Kitano’s versatility as an entertainer extends to the films he makes, ranging from brutal yakuza thrillers like Outrage to meditative tales of human connection and purpose like A Scene at the Sea, and even heartwarming, family-friendly dramas like Kikujiro. He even dabbled into surrealism with his metatextual trilogy, which includes the previously mentioned Takeshis’, followed by Glory to the Filmmaker! and Achilles and the Tortoise.
Beat Takeshi as a mouse / Amazon Prime Video
Yet, for all his range, Broken Rage feels like Kitano’s way of confronting the fear of being pigeonholed as a one-trick pony and his life’s work being reduced into mere fragments of a much larger tapestry.
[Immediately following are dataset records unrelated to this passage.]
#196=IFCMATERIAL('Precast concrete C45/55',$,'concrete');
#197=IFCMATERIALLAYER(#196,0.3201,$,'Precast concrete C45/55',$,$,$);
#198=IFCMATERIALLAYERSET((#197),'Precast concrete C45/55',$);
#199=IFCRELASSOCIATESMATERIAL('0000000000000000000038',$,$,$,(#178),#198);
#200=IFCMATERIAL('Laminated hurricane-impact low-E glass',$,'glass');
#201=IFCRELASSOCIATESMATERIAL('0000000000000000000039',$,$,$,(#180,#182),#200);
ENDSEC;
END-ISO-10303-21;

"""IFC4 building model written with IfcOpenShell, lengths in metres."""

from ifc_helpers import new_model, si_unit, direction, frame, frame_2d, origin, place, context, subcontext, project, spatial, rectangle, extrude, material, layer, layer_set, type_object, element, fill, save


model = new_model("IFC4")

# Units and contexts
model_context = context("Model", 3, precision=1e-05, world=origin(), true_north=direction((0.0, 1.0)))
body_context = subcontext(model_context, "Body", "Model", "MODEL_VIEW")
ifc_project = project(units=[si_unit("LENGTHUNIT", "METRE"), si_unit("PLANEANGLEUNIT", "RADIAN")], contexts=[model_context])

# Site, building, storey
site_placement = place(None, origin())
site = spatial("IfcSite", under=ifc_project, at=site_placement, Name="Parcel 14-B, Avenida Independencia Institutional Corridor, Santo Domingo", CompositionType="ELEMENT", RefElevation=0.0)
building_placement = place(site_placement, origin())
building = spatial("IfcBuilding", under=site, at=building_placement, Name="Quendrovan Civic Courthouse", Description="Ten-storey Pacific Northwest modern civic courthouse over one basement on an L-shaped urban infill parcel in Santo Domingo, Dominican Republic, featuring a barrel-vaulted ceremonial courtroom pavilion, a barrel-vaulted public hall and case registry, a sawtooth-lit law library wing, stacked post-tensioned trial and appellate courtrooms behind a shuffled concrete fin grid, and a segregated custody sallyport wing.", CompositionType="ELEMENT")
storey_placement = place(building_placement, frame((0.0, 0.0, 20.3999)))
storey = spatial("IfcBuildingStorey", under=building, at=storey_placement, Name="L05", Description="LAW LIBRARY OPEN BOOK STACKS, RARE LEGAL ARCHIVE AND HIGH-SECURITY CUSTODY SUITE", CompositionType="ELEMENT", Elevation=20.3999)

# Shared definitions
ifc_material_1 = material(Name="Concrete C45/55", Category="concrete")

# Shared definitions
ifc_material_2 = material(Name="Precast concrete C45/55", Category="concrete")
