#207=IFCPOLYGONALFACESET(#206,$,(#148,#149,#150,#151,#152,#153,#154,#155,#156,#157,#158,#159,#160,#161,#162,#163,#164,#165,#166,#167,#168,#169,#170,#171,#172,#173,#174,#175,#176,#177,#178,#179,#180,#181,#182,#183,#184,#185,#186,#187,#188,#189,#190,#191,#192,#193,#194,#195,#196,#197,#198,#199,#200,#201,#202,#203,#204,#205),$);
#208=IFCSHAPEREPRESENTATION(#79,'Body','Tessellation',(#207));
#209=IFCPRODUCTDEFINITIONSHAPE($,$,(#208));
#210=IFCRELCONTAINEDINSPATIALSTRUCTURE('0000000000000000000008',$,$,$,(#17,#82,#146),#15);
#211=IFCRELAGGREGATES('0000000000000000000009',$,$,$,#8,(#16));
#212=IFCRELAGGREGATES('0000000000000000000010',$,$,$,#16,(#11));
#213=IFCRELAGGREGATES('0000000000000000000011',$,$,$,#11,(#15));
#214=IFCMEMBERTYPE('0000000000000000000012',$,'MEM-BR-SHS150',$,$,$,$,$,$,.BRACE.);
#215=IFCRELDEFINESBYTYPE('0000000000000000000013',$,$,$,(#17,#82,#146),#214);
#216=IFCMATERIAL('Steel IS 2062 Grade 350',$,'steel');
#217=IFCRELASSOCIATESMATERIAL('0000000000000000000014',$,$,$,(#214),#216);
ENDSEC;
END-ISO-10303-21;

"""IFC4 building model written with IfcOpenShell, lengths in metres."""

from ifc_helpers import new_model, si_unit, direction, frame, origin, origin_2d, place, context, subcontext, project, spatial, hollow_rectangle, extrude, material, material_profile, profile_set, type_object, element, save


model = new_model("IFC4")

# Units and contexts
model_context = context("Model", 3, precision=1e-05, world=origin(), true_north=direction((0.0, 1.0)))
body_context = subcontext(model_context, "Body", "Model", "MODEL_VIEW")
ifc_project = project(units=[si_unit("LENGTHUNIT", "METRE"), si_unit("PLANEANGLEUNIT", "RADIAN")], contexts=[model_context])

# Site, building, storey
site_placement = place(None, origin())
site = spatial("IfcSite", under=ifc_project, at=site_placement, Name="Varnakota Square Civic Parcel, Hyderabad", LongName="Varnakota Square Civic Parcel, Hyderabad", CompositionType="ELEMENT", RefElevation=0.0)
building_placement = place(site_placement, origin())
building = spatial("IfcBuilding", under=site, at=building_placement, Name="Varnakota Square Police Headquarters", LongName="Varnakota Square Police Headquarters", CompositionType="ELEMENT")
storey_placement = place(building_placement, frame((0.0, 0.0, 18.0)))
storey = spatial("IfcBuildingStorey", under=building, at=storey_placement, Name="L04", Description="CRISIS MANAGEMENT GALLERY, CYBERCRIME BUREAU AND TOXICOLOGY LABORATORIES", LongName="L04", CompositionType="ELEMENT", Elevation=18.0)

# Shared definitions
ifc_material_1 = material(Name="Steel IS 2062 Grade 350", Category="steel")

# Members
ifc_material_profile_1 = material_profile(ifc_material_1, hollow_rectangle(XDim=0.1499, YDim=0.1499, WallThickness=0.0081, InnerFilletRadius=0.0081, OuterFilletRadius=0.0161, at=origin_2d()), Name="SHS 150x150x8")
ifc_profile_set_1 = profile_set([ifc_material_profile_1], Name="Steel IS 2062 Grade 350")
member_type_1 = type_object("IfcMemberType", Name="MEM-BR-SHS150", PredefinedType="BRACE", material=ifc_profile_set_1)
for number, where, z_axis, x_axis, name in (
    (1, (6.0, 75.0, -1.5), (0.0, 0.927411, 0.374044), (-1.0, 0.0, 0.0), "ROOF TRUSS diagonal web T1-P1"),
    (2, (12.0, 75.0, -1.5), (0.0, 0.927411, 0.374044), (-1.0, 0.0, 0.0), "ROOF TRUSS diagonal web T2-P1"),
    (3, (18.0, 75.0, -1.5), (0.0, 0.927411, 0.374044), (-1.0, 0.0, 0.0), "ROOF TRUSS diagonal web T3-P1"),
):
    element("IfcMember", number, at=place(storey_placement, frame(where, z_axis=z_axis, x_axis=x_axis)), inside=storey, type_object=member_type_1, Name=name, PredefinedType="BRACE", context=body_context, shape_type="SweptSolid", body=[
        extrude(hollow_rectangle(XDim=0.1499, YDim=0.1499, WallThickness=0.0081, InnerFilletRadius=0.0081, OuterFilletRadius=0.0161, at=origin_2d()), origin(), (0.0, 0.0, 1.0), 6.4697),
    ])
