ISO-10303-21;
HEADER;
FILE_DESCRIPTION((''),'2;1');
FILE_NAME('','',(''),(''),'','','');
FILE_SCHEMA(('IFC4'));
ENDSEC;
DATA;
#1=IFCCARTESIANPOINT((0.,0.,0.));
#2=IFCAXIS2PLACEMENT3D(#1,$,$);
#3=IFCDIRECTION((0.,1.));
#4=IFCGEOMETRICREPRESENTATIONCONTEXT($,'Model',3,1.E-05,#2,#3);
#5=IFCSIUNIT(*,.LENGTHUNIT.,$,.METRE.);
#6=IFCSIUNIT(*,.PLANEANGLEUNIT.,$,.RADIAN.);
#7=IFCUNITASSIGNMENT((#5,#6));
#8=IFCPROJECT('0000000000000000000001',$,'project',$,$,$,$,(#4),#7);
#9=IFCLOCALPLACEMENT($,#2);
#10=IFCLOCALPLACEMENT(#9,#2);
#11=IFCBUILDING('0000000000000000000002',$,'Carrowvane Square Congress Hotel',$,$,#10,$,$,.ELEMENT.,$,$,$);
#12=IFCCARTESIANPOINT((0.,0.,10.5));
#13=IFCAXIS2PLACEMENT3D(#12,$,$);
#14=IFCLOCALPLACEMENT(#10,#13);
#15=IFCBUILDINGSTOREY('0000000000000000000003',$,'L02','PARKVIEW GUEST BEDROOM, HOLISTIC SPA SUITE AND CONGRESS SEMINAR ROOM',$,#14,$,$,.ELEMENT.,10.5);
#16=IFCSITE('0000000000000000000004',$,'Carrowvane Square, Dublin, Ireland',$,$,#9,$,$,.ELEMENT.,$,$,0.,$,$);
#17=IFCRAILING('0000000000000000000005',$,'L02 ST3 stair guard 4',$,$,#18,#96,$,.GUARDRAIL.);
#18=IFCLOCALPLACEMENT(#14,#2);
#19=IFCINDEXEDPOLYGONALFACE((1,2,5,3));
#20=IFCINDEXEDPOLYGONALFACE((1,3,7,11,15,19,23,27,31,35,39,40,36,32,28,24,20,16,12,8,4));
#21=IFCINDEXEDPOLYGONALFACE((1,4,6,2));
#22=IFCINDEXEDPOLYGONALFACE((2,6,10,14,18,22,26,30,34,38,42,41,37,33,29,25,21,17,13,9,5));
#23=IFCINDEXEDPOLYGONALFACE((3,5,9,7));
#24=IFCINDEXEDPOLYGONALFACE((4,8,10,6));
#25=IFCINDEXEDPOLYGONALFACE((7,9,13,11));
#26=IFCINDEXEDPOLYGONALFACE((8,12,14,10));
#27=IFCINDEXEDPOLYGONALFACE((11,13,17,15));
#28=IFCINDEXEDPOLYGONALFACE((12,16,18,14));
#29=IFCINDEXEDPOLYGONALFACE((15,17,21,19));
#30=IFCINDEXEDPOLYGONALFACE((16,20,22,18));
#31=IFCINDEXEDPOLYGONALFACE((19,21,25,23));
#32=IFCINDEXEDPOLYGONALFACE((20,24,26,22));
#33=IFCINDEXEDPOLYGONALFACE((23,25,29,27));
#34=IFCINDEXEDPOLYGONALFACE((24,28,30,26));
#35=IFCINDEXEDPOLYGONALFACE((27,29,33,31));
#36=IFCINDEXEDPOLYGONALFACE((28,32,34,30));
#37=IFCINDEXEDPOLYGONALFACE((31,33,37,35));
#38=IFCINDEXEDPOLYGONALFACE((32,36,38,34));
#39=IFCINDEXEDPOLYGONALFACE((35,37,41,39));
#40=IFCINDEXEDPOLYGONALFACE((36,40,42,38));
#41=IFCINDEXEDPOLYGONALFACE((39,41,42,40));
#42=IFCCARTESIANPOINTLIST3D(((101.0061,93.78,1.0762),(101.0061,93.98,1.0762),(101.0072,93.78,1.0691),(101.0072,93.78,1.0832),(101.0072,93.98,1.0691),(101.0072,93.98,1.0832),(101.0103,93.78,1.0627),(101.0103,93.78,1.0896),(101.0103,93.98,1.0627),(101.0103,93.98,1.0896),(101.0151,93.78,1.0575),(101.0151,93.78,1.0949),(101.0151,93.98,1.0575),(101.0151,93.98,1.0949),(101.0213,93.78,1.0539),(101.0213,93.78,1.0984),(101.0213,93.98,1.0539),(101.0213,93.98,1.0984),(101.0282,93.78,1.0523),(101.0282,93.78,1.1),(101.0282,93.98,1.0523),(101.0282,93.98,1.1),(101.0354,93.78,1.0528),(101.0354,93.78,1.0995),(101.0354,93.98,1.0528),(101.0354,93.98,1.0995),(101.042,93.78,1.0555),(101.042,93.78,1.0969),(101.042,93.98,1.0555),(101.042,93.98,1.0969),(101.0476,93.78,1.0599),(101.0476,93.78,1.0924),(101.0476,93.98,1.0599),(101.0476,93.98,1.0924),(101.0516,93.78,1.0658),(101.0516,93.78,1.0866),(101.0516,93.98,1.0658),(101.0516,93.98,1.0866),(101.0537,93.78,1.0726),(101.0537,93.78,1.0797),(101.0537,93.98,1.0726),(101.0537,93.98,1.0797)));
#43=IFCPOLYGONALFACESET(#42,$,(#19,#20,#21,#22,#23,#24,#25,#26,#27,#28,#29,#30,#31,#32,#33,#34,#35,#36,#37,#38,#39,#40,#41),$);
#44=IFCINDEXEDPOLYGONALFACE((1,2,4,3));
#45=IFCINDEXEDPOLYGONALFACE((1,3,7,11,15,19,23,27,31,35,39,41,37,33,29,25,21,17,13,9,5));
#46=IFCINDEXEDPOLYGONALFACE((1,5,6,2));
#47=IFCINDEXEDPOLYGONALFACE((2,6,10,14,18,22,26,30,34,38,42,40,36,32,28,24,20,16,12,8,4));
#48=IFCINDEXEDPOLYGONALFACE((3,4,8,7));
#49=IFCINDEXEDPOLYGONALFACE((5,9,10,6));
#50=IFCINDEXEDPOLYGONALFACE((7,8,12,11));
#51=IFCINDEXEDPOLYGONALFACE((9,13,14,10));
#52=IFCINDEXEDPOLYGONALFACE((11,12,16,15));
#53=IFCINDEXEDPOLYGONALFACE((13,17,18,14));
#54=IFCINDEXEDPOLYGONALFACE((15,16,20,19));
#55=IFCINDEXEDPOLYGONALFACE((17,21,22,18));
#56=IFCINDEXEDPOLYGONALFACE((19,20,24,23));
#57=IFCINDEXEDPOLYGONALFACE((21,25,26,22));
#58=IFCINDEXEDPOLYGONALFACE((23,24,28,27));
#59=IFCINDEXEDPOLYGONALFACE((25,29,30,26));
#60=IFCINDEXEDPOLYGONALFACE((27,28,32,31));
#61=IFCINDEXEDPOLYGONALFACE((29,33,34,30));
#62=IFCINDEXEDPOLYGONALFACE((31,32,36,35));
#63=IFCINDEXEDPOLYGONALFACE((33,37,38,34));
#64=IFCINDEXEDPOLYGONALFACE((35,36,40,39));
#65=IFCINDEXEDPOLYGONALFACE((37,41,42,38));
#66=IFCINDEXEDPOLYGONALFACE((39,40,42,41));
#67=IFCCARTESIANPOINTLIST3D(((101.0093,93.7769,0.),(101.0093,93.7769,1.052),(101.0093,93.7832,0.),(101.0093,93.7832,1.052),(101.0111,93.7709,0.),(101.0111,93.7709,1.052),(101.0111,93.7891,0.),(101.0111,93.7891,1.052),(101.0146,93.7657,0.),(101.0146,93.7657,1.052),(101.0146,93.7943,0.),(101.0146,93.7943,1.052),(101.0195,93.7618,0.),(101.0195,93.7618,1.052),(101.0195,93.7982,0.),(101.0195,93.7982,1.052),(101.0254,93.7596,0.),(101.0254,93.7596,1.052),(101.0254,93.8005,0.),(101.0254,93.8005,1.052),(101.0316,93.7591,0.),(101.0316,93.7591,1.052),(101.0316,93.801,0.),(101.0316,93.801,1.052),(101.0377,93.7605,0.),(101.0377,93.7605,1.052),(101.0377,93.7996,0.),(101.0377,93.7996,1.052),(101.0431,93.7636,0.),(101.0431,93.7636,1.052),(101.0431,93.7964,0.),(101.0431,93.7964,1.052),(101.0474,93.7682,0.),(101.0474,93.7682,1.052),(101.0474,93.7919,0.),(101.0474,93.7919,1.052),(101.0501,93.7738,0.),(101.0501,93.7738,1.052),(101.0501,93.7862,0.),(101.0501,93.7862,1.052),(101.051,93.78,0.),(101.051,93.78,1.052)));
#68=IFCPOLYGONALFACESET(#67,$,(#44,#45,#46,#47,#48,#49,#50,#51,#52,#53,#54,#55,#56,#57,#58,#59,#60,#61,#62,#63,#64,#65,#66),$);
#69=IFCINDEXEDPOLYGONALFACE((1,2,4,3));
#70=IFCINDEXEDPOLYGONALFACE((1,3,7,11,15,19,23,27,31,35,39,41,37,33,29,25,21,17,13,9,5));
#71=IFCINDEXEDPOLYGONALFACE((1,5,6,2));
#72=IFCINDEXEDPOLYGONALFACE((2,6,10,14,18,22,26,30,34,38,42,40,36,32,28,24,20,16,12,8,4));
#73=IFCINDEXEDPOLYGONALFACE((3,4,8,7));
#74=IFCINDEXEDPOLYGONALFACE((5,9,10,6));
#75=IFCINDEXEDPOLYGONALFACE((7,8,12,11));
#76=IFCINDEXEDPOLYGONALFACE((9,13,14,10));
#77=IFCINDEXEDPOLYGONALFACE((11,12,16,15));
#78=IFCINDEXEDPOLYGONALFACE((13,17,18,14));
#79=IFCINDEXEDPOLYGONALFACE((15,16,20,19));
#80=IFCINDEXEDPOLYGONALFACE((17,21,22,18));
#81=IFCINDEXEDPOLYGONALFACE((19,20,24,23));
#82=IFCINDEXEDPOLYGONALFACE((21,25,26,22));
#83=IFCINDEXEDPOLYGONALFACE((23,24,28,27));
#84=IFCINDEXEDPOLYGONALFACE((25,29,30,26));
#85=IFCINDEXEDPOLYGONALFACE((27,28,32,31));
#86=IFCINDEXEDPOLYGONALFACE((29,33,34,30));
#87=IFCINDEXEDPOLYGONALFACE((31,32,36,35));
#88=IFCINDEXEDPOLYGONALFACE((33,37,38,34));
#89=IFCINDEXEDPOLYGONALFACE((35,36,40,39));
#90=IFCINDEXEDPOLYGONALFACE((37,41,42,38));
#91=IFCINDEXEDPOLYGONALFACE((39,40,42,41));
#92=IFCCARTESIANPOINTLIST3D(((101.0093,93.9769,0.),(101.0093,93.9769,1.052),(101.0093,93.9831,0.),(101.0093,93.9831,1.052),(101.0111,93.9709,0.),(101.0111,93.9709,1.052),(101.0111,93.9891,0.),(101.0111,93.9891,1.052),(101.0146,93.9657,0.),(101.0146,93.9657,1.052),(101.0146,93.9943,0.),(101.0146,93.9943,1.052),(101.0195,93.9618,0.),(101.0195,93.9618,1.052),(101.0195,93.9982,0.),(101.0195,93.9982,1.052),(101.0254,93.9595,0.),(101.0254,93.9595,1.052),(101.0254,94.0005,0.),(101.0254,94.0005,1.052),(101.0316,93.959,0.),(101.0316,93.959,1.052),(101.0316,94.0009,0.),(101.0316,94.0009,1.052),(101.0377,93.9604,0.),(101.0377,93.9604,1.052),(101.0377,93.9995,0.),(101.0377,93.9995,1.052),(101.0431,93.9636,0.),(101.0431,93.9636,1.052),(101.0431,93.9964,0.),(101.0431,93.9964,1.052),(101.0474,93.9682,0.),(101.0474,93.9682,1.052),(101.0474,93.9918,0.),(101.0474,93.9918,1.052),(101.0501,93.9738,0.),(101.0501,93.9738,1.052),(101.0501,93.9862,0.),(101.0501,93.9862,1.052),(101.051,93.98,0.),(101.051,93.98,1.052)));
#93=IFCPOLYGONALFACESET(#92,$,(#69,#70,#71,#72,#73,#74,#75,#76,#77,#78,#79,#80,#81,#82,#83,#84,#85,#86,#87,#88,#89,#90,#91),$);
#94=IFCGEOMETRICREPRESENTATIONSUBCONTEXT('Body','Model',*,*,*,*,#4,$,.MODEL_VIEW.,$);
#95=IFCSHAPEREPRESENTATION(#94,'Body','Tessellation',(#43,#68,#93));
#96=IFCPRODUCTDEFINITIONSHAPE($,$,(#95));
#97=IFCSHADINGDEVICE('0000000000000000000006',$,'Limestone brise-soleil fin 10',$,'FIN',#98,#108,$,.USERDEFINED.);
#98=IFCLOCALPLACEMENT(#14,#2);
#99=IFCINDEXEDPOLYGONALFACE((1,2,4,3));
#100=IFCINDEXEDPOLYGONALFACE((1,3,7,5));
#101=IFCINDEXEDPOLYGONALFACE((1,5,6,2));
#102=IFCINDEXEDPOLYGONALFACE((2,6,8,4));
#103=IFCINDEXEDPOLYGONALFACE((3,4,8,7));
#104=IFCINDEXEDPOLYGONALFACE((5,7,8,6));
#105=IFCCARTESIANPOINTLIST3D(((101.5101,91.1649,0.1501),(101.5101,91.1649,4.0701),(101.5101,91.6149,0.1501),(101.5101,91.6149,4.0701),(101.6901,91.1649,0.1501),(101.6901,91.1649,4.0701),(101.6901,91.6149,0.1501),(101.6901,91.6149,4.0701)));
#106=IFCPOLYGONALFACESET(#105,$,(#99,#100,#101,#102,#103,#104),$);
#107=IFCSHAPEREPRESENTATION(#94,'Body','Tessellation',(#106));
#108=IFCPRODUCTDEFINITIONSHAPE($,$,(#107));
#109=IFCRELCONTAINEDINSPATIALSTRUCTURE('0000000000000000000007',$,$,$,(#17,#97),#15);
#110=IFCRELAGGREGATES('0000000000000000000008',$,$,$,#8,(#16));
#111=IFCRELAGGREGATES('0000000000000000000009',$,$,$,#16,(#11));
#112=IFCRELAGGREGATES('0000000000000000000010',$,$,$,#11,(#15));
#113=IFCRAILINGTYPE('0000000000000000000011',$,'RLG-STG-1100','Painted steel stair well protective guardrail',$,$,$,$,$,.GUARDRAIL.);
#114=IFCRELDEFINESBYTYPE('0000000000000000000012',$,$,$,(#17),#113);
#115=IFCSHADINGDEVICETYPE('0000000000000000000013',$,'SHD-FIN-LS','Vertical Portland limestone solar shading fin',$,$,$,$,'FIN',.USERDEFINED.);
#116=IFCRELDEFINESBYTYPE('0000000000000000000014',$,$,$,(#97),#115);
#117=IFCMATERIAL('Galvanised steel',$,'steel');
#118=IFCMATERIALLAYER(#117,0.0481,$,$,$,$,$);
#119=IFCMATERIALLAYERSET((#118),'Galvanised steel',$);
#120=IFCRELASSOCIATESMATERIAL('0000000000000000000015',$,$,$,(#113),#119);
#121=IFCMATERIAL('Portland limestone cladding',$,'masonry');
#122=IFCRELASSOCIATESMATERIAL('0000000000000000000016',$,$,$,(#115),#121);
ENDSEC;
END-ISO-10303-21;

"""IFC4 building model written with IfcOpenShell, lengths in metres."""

from ifc_helpers import new_model, si_unit, direction, frame, origin, origin_2d, place, context, subcontext, project, spatial, rectangle, circle, extrude, material, layer, layer_set, type_object, element, save


model = new_model("IFC4")

# Units and contexts
model_context = context("Model", 3, precision=1e-05, world=origin(), true_north=direction((0.0, 1.0)))
body_context = subcontext(model_context, "Body", "Model", "MODEL_VIEW")
ifc_project = project(units=[si_unit("LENGTHUNIT", "METRE"), si_unit("PLANEANGLEUNIT", "RADIAN")], contexts=[model_context])

# Site, building, storey
site_placement = place(None, origin())
site = spatial("IfcSite", under=ifc_project, at=site_placement, Name="Carrowvane Square, Dublin, Ireland", CompositionType="ELEMENT", RefElevation=0.0)
building_placement = place(site_placement, origin())
building = spatial("IfcBuilding", under=site, at=building_placement, Name="Carrowvane Square Congress Hotel", CompositionType="ELEMENT")
storey_placement = place(building_placement, frame((0.0, 0.0, 10.5)))
storey = spatial("IfcBuildingStorey", under=building, at=storey_placement, Name="L02", Description="PARKVIEW GUEST BEDROOM, HOLISTIC SPA SUITE AND CONGRESS SEMINAR ROOM", CompositionType="ELEMENT", Elevation=10.5)

# Railing
ifc_material_1 = material(Name="Galvanised steel", Category="steel")
ifc_layer_1 = layer(ifc_material_1, 0.0481)
ifc_layer_set_1 = layer_set([ifc_layer_1], Name="Galvanised steel")
railing_type_1 = type_object("IfcRailingType", Name="RLG-STG-1100", Description="Painted steel stair well protective guardrail", PredefinedType="GUARDRAIL", material=ifc_layer_set_1)
railing_1_placement = place(storey_placement, frame((101.03, 93.78, 0.0)))
element("IfcRailing", 1, at=railing_1_placement, inside=storey, type_object=railing_type_1, Name="L02 ST3 stair guard 4", PredefinedType="GUARDRAIL", context=body_context, shape_type="SweptSolid", body=[
    extrude(circle(Radius=0.0239, at=origin_2d()), frame((0.0, 0.0, 1.0762), z_axis=(0.0, 1.0, 0.0), x_axis=(-1.0, 0.0, 0.0)), (0.0, 0.0, 1.0), 0.2),
    extrude(circle(Radius=0.021, at=origin_2d()), origin(), (0.0, 0.0, 1.0), 1.052),
    extrude(circle(Radius=0.021, at=origin_2d()), frame((0.0, 0.2, 0.0)), (0.0, 0.0, 1.0), 1.052),
])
Though Takeshi’s Castle still stands proud and strong, its king frets over the history books. Will they remember the grandeur of his kingdom or reduce it to a single, oversimplified jest? A career spanning 50 years, filled with reinvention and experimentation, risks being remembered through only two lenses: the comedic and the nihilistically violent. So, perhaps that’s why he structured the film into two contrasting halves — each representing the polar extremes of his filmography — as a way to craft something wholly unique and push back against the simplification of his artistic identity.
In this preoccupation with legacy, the film finds kinship with Hayao Miyazaki’s The Boy and the Heron. Both films are made by titans of Japanese cinema and grapple with how an artist’s body of work will be remembered, but with differing levels of optimism and acceptance. While Miyazaki embraces the inevitable decay of the tower he has built, encouraging the younger generation to construct towers of their own, Kitano takes a more defiant stance, determined to remind everyone that he has more than just two towers.
But true to Broken Rage’s contradictory nature, Kitano can’t help but be realistic. A third part — one that few seem to acknowledge, content instead with basking in the nostalgia of the Kitano-esque brand of humor and violence — reveals just how trapped he feels in the confines of others’ expectations, as if it’s already too late to change people’s minds. This final rumination on legacy lends the film a tinge of sadness. For all its defiance, the film carries the weight of an artist grappling with the realization that, despite a lifetime of reinvention, perception is, more often than not, unshakable.
‘Broken Rage’ is currently streaming on Amazon Prime Video.